Sanary-sur-Mer, marché sans contact
Le périmètre est tracé par des rubans de signalisation ne laissant qu’une entrée, surveillée par trois policiers. Une banderole colorée rappelle les règles de distanciation sociale mais pas d’inquiétude : au marché quotidien de Sanary-sur-Mer (83), ce 22 mai, il n’y a franchement pas foule. Il faut dire que depuis la réouverture du 12 mai, les codes ont changé. Car si le rendez-vous fait le bonheur des personnes âgées dans cette commune qui compte 46% de retraités selon l’Insee, c’est au prix d’un protocole bien local. L’arrêté pris par la municipalité précise que le paiement au marché doit se faire « par carte bancaire », que le port du masque y est « obligatoire » et que « les clients ne sont pas autorisés à toucher » les produits.
Ces consignes de déconfinement sont néanmoins plus mesurées que celles que Ferdinand Bernhard avait initiées fin mars. Le maire divers droite, élu depuis trente-et-un ans, avait en effet choisi de limiter les déplacements au-delà de 10 mètres du domicile et d’interdire les achats à l’unité. Les textes ont finalement été retirés après avoir fait l’objet d’un recours administratif de la préfecture du Var. Mais une marche arrière et un déconfinement plus tard, Sanary s’illustre toujours. Au-delà des conditions draconiennes de la reprise du marché, c’est la seule commune de l’Ouest-Var qui n’a pas demandé la réouverture des plages. Autre perspective imminente : le procès en juin de Ferdinand Bernhard, pour favoritisme, prise illégale d’intérêts et détournements de biens publics. Ce qui ne l’a pas empêché d’être réélu dès le premier tour avec près de 69 % des voix mais presque 70 % d’abstention…

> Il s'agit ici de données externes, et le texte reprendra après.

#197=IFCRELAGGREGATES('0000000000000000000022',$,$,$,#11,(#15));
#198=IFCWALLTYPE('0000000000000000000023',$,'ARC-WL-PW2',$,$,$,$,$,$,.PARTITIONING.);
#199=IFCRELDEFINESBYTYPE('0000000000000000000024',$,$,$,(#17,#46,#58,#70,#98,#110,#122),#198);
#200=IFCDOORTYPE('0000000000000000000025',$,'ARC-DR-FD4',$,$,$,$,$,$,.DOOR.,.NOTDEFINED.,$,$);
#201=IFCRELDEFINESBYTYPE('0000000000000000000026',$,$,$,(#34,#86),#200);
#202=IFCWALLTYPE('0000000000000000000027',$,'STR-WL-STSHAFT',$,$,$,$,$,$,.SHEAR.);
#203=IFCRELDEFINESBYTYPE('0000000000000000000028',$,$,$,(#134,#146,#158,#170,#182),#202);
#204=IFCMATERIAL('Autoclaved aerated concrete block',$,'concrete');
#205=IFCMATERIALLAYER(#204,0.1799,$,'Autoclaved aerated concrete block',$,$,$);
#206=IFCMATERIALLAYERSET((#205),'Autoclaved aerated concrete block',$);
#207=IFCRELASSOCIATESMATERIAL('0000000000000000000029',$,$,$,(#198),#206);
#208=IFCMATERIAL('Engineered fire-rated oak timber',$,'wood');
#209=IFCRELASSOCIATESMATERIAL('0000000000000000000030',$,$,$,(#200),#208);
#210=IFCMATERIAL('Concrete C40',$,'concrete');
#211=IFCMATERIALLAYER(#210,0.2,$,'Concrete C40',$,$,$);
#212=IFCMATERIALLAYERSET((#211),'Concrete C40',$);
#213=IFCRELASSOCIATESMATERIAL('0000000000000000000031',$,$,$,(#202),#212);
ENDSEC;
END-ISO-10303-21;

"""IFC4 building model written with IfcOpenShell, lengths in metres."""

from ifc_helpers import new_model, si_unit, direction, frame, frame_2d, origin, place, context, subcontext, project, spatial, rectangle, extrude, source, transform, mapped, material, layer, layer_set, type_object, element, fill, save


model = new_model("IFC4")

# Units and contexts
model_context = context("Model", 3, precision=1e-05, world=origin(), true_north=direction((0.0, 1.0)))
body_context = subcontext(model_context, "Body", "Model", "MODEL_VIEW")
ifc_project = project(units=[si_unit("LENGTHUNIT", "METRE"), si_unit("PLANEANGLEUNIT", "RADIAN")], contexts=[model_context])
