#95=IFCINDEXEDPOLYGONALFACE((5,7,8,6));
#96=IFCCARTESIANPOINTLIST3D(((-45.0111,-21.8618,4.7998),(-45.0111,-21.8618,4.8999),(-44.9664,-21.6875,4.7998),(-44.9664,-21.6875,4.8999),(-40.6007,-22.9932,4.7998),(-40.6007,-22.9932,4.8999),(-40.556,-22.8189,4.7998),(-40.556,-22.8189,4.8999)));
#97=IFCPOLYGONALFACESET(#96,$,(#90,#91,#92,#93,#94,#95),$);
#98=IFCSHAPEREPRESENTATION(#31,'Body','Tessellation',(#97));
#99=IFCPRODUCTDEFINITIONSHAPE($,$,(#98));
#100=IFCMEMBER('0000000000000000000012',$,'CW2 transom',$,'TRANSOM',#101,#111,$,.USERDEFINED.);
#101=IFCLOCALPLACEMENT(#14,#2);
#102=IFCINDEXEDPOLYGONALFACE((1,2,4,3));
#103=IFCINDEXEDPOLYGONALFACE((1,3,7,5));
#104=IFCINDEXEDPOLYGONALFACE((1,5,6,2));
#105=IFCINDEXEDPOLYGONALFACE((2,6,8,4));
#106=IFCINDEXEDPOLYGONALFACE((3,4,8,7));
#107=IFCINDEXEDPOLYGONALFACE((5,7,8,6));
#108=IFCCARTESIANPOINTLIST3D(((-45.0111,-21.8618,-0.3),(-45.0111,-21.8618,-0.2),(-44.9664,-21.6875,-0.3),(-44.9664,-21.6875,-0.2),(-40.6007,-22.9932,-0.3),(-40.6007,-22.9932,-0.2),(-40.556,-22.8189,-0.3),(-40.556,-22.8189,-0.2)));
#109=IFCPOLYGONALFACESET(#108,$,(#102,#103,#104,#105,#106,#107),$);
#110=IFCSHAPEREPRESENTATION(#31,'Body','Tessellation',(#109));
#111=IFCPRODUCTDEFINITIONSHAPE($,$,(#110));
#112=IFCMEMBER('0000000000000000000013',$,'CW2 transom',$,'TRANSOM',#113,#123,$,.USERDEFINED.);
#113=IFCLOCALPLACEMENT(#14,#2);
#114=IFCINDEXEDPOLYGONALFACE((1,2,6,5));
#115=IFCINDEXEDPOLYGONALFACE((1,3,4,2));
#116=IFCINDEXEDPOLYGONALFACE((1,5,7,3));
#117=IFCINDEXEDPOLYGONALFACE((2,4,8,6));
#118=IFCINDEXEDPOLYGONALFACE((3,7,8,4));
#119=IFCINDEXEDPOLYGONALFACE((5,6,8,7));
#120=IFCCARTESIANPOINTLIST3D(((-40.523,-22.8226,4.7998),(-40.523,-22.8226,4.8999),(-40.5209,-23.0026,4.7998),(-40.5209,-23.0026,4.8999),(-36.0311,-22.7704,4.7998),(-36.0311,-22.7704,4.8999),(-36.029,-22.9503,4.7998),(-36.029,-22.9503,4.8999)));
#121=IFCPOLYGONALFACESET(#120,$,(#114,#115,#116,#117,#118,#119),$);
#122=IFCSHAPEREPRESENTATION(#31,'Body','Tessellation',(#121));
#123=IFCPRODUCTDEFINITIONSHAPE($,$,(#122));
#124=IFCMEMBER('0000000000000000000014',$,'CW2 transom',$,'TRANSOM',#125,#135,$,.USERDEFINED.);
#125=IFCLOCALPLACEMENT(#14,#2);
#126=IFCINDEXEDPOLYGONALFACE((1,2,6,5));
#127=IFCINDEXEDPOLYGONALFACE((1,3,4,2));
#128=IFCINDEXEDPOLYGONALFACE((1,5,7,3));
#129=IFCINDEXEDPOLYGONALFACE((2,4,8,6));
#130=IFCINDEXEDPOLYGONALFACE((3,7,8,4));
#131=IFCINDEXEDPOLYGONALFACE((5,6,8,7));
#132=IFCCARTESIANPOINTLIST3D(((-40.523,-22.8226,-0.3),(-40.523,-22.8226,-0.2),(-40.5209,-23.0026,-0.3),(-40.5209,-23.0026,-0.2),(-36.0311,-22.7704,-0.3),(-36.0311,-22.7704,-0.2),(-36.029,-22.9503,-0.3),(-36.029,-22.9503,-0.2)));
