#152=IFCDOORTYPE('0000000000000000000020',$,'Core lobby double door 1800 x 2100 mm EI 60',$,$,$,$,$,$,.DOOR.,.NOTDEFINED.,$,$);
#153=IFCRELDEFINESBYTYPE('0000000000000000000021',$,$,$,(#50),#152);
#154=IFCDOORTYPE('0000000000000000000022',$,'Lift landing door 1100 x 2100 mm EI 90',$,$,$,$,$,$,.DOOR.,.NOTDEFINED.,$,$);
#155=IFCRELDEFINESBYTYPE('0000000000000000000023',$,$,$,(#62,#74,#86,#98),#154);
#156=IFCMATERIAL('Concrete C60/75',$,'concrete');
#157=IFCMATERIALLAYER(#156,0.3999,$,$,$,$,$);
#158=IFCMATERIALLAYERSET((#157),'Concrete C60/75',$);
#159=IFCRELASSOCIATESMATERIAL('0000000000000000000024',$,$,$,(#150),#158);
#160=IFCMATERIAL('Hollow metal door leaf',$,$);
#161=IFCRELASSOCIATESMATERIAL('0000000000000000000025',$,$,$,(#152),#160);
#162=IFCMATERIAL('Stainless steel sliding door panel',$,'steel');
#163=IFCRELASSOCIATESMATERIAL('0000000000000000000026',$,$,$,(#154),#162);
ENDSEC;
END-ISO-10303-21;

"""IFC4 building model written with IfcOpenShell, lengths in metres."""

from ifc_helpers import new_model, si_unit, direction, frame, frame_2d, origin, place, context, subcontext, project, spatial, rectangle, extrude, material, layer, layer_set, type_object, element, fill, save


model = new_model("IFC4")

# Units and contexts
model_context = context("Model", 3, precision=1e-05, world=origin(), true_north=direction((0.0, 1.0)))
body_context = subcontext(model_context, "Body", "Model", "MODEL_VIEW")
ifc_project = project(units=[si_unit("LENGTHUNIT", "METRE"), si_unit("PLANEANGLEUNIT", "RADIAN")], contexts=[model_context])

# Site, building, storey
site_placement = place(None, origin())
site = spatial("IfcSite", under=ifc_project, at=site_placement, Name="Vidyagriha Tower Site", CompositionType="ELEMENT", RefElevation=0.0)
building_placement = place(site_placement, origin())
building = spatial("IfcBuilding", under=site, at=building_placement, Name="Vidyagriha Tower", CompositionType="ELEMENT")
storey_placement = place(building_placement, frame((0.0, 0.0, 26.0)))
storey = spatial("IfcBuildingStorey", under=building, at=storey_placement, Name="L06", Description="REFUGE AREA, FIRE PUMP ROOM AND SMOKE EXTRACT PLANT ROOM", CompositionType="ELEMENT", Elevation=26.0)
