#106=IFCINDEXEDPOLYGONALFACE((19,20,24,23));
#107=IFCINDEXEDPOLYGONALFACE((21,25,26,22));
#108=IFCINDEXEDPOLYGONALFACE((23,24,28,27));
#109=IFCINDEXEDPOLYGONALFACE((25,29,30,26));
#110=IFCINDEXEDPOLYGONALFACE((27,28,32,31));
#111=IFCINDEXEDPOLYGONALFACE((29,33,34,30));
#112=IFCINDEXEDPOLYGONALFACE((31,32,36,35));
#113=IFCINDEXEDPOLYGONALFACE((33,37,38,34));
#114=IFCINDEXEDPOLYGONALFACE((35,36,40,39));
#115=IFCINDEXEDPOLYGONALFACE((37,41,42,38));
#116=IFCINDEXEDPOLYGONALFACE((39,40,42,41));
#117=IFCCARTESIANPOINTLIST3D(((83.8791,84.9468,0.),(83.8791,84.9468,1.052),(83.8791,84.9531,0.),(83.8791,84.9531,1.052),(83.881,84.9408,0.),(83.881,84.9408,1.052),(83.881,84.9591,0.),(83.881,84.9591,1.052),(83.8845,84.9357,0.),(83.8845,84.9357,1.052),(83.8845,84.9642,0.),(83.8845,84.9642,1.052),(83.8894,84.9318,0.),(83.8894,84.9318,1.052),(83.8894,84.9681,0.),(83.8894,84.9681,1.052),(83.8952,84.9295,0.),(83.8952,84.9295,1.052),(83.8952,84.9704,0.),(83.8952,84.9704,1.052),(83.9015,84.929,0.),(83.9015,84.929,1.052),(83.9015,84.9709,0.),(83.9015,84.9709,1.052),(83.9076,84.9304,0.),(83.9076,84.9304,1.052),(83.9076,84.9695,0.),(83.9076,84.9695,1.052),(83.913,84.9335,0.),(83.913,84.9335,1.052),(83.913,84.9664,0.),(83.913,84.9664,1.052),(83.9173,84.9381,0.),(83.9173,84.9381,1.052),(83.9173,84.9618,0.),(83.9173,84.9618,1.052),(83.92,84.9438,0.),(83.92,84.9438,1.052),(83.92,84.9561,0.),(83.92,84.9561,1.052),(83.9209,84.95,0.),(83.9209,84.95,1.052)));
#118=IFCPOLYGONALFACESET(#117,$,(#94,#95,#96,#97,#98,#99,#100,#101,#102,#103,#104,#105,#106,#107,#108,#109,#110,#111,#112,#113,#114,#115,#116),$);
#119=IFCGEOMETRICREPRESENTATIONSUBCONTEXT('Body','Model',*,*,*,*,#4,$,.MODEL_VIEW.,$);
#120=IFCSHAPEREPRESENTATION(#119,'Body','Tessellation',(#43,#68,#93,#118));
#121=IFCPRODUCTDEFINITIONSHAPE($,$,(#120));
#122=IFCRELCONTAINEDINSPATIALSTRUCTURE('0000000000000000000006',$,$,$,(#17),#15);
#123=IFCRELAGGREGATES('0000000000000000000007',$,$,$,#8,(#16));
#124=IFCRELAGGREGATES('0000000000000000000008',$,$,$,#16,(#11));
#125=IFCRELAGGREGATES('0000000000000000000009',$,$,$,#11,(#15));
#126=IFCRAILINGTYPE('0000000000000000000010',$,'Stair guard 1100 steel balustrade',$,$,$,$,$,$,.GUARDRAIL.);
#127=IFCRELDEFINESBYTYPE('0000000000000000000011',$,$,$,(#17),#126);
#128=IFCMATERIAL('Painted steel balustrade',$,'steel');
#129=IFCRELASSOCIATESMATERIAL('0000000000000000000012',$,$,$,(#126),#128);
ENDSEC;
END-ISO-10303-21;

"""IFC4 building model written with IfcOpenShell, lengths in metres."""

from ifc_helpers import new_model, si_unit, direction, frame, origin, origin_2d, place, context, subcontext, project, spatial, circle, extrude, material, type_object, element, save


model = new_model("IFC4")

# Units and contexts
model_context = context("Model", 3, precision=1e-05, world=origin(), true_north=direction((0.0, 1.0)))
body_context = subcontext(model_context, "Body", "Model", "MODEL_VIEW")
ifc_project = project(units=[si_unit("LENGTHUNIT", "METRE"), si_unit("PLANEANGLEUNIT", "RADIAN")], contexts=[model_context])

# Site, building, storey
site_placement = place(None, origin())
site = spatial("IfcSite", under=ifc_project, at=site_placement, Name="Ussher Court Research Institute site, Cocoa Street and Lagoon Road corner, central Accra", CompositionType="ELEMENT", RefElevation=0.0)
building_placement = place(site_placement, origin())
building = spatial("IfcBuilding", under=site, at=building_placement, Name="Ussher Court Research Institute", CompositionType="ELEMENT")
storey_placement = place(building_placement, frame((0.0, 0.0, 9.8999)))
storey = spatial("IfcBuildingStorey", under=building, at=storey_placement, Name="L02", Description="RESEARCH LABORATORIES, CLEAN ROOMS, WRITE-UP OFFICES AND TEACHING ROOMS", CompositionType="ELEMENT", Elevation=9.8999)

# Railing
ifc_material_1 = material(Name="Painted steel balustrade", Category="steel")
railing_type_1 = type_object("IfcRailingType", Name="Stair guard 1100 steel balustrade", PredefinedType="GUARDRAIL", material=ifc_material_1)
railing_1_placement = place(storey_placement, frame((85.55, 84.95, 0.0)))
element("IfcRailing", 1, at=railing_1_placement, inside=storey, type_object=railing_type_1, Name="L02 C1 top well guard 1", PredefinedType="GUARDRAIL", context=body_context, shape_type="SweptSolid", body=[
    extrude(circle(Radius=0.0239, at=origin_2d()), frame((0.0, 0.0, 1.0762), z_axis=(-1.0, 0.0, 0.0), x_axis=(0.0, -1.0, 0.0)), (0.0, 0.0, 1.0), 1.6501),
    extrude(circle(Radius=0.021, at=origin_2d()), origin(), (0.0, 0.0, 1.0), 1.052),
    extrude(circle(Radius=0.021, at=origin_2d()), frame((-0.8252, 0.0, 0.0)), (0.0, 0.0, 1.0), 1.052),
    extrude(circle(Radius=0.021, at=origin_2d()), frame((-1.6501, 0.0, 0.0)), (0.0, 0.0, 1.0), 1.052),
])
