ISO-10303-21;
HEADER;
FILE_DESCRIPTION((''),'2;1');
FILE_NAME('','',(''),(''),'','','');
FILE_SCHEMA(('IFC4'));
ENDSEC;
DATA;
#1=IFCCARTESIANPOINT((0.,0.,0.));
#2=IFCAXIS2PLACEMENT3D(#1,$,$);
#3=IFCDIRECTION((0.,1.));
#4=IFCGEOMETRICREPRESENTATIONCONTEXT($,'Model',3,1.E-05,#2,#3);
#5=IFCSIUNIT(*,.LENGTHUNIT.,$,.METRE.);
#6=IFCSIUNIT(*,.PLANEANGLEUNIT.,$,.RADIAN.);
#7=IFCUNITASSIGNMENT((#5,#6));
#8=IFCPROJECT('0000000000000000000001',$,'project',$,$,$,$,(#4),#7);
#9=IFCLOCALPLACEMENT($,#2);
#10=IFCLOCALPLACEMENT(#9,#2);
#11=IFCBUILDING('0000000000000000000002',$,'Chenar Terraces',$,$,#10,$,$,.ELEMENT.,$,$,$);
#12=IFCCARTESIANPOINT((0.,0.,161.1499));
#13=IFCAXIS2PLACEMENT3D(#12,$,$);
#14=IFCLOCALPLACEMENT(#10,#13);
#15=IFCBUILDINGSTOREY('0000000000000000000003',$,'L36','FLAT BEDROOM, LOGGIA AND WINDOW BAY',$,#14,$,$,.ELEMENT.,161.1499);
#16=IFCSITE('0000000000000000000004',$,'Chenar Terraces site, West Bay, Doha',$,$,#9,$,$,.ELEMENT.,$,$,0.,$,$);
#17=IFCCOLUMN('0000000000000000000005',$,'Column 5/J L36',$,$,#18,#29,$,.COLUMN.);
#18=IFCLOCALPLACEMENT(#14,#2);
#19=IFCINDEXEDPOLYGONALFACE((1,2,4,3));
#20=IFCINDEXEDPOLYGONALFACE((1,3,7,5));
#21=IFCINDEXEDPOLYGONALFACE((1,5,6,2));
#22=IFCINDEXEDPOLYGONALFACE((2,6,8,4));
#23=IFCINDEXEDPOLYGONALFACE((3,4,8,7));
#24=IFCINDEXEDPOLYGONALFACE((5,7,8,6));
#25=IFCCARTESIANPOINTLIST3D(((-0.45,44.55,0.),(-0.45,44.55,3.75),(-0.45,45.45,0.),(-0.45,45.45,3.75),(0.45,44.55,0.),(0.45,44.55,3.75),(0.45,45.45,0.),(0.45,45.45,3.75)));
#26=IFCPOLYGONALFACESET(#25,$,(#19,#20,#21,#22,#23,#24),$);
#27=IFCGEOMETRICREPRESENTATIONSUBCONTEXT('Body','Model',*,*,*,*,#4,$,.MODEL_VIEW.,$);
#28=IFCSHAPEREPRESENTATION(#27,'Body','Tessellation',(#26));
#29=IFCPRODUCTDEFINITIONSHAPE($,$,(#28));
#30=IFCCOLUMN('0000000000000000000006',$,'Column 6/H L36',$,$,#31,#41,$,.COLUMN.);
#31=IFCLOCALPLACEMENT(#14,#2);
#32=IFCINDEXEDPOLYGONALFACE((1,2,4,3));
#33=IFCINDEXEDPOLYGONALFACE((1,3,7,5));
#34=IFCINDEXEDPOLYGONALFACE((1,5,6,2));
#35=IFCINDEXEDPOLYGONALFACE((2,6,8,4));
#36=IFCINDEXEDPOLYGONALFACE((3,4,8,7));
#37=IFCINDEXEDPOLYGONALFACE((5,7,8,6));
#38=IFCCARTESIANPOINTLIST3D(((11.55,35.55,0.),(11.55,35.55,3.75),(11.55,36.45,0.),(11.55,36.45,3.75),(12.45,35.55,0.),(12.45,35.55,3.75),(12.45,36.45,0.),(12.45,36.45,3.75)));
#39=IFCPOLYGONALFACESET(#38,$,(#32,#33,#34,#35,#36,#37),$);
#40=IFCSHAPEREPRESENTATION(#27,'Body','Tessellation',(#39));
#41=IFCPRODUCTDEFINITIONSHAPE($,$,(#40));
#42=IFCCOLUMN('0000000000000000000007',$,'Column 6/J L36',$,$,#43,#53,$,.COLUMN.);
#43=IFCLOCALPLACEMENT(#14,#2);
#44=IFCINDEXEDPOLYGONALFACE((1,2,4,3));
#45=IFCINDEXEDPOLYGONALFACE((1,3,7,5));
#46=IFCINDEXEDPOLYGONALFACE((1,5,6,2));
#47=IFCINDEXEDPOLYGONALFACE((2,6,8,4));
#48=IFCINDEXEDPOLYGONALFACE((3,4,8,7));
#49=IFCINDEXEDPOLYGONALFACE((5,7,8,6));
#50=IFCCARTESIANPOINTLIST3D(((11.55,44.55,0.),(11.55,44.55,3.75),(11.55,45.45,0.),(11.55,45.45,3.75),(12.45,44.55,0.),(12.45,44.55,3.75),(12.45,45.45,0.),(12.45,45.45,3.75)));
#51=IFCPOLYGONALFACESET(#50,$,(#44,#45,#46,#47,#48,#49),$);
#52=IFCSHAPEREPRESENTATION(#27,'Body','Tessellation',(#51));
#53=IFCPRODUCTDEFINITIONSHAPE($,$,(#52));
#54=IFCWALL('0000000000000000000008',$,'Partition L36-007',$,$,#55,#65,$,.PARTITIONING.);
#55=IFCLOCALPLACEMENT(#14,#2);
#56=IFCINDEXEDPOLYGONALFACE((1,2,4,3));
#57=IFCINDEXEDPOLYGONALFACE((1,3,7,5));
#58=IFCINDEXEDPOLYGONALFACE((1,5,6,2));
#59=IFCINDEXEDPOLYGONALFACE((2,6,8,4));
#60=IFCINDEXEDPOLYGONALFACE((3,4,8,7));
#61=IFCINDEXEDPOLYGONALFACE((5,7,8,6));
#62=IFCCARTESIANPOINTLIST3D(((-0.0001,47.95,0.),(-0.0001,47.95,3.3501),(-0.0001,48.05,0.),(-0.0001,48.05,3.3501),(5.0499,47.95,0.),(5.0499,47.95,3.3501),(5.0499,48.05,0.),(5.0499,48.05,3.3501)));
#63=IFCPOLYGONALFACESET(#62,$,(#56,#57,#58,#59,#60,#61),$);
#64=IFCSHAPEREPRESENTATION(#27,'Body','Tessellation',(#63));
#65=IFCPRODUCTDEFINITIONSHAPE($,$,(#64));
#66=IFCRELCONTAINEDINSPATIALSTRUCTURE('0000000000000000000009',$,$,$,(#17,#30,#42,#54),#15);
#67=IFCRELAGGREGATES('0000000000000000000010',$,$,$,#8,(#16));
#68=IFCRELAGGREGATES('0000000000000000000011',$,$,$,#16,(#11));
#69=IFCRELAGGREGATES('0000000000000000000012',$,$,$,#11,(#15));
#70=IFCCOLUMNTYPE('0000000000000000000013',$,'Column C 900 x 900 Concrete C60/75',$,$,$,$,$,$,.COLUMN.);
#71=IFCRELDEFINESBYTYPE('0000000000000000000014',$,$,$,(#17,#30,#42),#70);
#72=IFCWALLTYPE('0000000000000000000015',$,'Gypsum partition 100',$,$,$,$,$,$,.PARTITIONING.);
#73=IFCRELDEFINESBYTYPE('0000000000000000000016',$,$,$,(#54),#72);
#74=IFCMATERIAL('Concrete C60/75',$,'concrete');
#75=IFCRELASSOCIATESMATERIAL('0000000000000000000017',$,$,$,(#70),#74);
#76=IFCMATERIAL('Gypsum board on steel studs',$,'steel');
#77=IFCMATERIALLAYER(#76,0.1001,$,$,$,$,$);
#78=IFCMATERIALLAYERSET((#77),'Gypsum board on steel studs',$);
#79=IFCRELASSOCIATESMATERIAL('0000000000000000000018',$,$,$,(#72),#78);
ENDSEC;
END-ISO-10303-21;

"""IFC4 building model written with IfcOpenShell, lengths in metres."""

from ifc_helpers import new_model, si_unit, direction, frame, frame_2d, origin, origin_2d, place, context, subcontext, project, spatial, rectangle, extrude, material, layer, layer_set, material_profile, profile_set, type_object, element, save


model = new_model("IFC4")

# Units and contexts
model_context = context("Model", 3, precision=1e-05, world=origin(), true_north=direction((0.0, 1.0)))
body_context = subcontext(model_context, "Body", "Model", "MODEL_VIEW")
ifc_project = project(units=[si_unit("LENGTHUNIT", "METRE"), si_unit("PLANEANGLEUNIT", "RADIAN")], contexts=[model_context])

# Site, building, storey
site_placement = place(None, origin())
site = spatial("IfcSite", under=ifc_project, at=site_placement, Name="Chenar Terraces site, West Bay, Doha", CompositionType="ELEMENT", RefElevation=0.0)
building_placement = place(site_placement, origin())
building = spatial("IfcBuilding", under=site, at=building_placement, Name="Chenar Terraces", CompositionType="ELEMENT")
storey_placement = place(building_placement, frame((0.0, 0.0, 161.1499)))
storey = spatial("IfcBuildingStorey", under=building, at=storey_placement, Name="L36", Description="FLAT BEDROOM, LOGGIA AND WINDOW BAY", CompositionType="ELEMENT", Elevation=161.1499)

# Columns
ifc_material_1 = material(Name="Concrete C60/75", Category="concrete")
ifc_material_profile = material_profile(ifc_material_1, rectangle(XDim=0.8999, YDim=0.8999, at=origin_2d()), Name="C 900 x 900")
ifc_profile_set = profile_set([ifc_material_profile], Name="Concrete C60/75")
column_type = type_object("IfcColumnType", Name="Column C 900 x 900 Concrete C60/75", PredefinedType="COLUMN", material=ifc_profile_set)
for number, where, z_axis, x_axis, name in (
    (1, (0.0, 45.0, 0.0), (0.0, 0.0, 1.0), (1.0, 0.0, 0.0), "Column 5/J L36"),
    (2, (12.0, 36.0, 0.0), (0.0, 0.0, 1.0), (1.0, 0.0, 0.0), "Column 6/H L36"),
    (3, (12.0, 45.0, 0.0), (0.0, 0.0, 1.0), (1.0, 0.0, 0.0), "Column 6/J L36"),
):
    element("IfcColumn", number, at=place(storey_placement, frame(where, z_axis=z_axis, x_axis=x_axis)), inside=storey, type_object=column_type, Name=name, PredefinedType="COLUMN", context=body_context, shape_type="SweptSolid", body=[
        extrude(rectangle(XDim=0.8999, YDim=0.8999, at=origin_2d()), origin(), (0.0, 0.0, 1.0), 3.75),
    ])

# Wall
ifc_material_2 = material(Name="Gypsum board on steel studs", Category="steel")
ifc_layer_1 = layer(ifc_material_2, 0.1001)
ifc_layer_set_1 = layer_set([ifc_layer_1], Name="Gypsum board on steel studs")
wall_type_1 = type_object("IfcWallType", Name="Gypsum partition 100", PredefinedType="PARTITIONING", material=ifc_layer_set_1)
wall_1_placement = place(storey_placement, frame((0.0, 48.0, 0.0), z_axis=(0.0, 0.0, 1.0), x_axis=(1.0, 0.0, 0.0)))
element("IfcWall", 4, at=wall_1_placement, inside=storey, type_object=wall_type_1, Name="Partition L36-007", PredefinedType="PARTITIONING", context=body_context, shape_type="SweptSolid", body=[
    extrude(rectangle(XDim=5.05, YDim=0.1001, at=frame_2d((2.5249, 0.0))), origin(), (0.0, 0.0, 1.0), 3.3501),
])

save(model, "model.ifc")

« Tout ça, c’est abusé ! »
Mais là n’est pas le sujet pour l’instant. Et selon Juliette, bob sur la tête et robe d’été, « Le maire fait un travail fantastique. Grâce à lui, la ville et les commerces sont propres ». Cette ancienne coiffeuse de 88 ans se plie aux consignes. Elle attend donc patiemment d’être servie par Luc, son primeur. Ces deux-là se connaissent bien, Juliette est une habituée. Mais le jugement de la vieille dame est sans appel : « Le marché, c’était mieux avant ! »
Elle doit tendre les bras pour récupérer sa botte d’asperges au-dessus du ruban de démarcation. « Le ruban est obligatoire. Le maire nous a dit que c’était soit ça, soit la vitre », résume le primeur. Luc explique « perdre chaque jour encore plus de chiffre d’affaires car les clients ne retrouvent pas la convivialité qu’ils aiment ici. Pour compenser, j’ai mis en place un service de livraison pour les seniors qui se confinent encore ». Juliette n’est pas de ceux-là : « Chaque après-midi, je retrouve mes copines. On discute avec le masque. »
Dans cette période difficile pour les personnes âgées, la municipalité leur témoigne-t-elle d’un soutien particulier ? Nous n’en saurons rien : cette dernière a refusé de répondre aux questions du Ravi. Pour Olivier Thomas, élu de l’opposition et deux fois candidat à la mairie, les restrictions en vigueur sont avant tout pénalisantes : « C’est de la surenchère, au-delà du raisonnable et du législateur. Certaines personnes âgées les vivent même comme une injustice. Les clubs de retraités qui pratiquent de la gym douce dans l’eau sont obligés d’aller ailleurs. Et les consignes sur le marché découragent les habitants. »
Assis face au boulodrome fermé, deux retraités du bâtiment nous interpellent avec le même discours : « Tout ça, c’est abusé ! » Le plus âgé ne souhaite pas parler aux journalistes mais son ami Julio est plus bavard. Lui non plus ne reconnaît pas le marché. « Mais le plus choquant, c’est les plages. Regardez, on voit la mer d’ici ! Nous enlever cette liberté, c’est n’importe quoi. » En face d’eux, un vieil homme en fauteuil roulant déambule seul entre les stands. Son masque est trop petit, alors il a fabriqué une rallonge avec une serviette hygiénique pour couvrir son nez. Il fait signe de ne pas l’approcher.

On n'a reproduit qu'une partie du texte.